We knew that our son, who was already at the rebellious stage, would not want to travel with us much longer. So we planned a 43-day trip, retracing some of our honeymoon spots, and visiting some friends and family along the way. We went south to New Orleans, then up to Arkansas, on to Texas, Arizona, Nevada, California, and into the great Rocky Mountains, before heading back home. It was a wonderful trip, chocked full of lively stories, but one, that we all agree on, stood out vividly.

Kansas. Long, hot, and boring. There’s not much to see, or many cities that we wanted to stop at for the night. We are headed home on the last few legs of the trip. My wife had researched our trip in great detail before we left out, and the overnight spot she chose for us to camp out at while crossing Kansas was the Wilson State Park.

Besides the three bikes on our Dodge Caravan’s roof, we packed along a tent, which we used at various campgrounds along the way. We arrived at Lake Wilson a few hours before dusk, and set up our tent on the concrete pad that was available to campers. On the way in a Ranger told us to be watchful about storms. Recently the storms had been violent and the campground was prone to flooding in heavy rains.

Lake Wilson State Park was new at the time. There was little vegetation or any other significant landmarks. Just a lot of new asphalt roads. There wasn’t much road signage, and there were no street lamps, so when the sun set, it was dark. Really dark. Not a light for miles.

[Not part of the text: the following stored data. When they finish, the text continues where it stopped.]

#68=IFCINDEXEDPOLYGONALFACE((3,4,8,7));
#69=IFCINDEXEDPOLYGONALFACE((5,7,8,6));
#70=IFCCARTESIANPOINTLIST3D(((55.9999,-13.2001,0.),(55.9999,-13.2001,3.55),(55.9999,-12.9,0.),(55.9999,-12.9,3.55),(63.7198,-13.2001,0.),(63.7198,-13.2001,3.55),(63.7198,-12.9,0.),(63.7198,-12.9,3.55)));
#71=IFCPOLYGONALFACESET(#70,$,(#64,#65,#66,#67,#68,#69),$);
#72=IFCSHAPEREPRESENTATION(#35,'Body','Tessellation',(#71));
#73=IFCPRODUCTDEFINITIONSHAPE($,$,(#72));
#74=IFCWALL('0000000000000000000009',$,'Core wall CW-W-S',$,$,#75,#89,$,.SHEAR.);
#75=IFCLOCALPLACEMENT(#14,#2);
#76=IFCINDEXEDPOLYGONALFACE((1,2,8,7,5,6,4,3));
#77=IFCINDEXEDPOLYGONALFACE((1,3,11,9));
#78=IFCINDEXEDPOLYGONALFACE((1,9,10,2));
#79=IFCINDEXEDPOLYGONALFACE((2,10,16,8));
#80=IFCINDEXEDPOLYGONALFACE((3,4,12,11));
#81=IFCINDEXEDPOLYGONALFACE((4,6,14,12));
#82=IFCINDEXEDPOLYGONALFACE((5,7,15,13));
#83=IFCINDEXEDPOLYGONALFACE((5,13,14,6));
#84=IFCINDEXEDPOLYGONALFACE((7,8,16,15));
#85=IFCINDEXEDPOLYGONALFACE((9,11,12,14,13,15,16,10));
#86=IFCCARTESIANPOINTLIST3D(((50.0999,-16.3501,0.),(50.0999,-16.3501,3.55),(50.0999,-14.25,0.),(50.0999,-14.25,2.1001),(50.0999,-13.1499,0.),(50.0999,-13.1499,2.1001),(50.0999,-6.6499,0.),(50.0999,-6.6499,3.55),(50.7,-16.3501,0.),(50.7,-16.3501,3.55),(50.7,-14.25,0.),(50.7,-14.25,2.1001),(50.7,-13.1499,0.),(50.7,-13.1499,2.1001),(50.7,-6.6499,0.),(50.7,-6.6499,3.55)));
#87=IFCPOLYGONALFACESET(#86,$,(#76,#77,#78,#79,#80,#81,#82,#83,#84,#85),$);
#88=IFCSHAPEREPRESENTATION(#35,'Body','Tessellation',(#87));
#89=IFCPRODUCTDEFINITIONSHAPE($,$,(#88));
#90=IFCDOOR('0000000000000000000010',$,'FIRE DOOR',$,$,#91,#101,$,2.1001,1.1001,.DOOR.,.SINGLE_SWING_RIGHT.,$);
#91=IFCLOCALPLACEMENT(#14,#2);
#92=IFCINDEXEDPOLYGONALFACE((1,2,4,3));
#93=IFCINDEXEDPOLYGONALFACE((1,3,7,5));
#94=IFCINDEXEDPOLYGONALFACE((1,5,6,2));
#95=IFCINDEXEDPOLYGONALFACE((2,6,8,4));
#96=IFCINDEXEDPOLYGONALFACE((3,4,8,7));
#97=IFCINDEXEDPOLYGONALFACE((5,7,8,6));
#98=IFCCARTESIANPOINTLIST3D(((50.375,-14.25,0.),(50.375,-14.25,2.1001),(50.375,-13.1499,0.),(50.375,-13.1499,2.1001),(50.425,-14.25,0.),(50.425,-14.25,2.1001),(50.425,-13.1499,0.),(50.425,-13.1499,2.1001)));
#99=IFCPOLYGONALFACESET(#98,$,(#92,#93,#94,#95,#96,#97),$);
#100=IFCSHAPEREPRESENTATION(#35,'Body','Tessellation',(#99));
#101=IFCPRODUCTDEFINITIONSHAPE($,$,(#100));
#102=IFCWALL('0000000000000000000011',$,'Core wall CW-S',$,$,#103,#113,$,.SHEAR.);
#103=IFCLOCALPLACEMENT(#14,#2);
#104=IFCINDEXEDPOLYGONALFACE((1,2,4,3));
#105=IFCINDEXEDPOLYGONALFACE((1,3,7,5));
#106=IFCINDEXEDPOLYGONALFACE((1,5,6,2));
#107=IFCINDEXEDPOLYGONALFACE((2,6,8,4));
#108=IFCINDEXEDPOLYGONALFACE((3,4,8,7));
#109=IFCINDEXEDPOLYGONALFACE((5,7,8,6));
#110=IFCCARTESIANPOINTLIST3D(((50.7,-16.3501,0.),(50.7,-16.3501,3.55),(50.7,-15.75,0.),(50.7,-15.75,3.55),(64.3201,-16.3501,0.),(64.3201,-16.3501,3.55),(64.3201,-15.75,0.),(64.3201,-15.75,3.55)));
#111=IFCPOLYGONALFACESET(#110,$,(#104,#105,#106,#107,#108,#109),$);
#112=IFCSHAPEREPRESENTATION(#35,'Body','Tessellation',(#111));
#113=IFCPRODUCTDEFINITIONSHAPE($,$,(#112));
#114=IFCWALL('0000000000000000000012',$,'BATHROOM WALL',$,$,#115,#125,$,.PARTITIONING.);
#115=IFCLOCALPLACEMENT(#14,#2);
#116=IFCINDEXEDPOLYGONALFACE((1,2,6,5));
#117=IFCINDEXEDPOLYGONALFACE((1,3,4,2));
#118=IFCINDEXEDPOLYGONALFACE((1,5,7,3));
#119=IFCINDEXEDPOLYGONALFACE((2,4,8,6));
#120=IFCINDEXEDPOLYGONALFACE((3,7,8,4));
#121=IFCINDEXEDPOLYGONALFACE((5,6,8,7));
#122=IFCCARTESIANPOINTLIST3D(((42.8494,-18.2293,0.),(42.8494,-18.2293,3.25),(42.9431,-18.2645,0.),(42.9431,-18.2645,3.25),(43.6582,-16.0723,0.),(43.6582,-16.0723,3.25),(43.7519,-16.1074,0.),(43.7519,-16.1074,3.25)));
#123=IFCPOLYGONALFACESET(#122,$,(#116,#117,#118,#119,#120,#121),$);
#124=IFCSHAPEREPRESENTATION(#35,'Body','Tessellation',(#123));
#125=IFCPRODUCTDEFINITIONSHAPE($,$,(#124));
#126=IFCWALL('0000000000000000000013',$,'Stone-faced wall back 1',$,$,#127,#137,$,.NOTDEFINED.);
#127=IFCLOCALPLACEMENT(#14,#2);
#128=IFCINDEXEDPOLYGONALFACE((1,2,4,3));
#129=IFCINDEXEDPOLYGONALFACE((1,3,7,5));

As I said, we set up our tent, and then fixed some food for our dinner. After dinner, now in complete darkness except for our lantern, we needed to kill a little time before going to bed. If you haven’t ever had the privilege to be in complete darkness, which is very rare these days, you haven’t seen the incredible sky at night. Most of us city dwellers think there are maybe a few prominent stars out. But actually the night sky is completely covered with millions of twinkling lights – stars, planets, and very frequent shooting stars. It is a glorious sight. If you ever get a chance to see this you’re in for a treat.

My wife and I were completely enthralled by this new sky. Our son, not so much. He wanted to play Rook – a card game we carried with us. So an argument ensued. Rook, stars, Rook, stars, Rook… And so it went. Finally he gave up and crawled into the tent. We watched the heavens for a long time, the skies were perfectly clear. Finally we joined our son in the tent and fell asleep on the cold hard slab.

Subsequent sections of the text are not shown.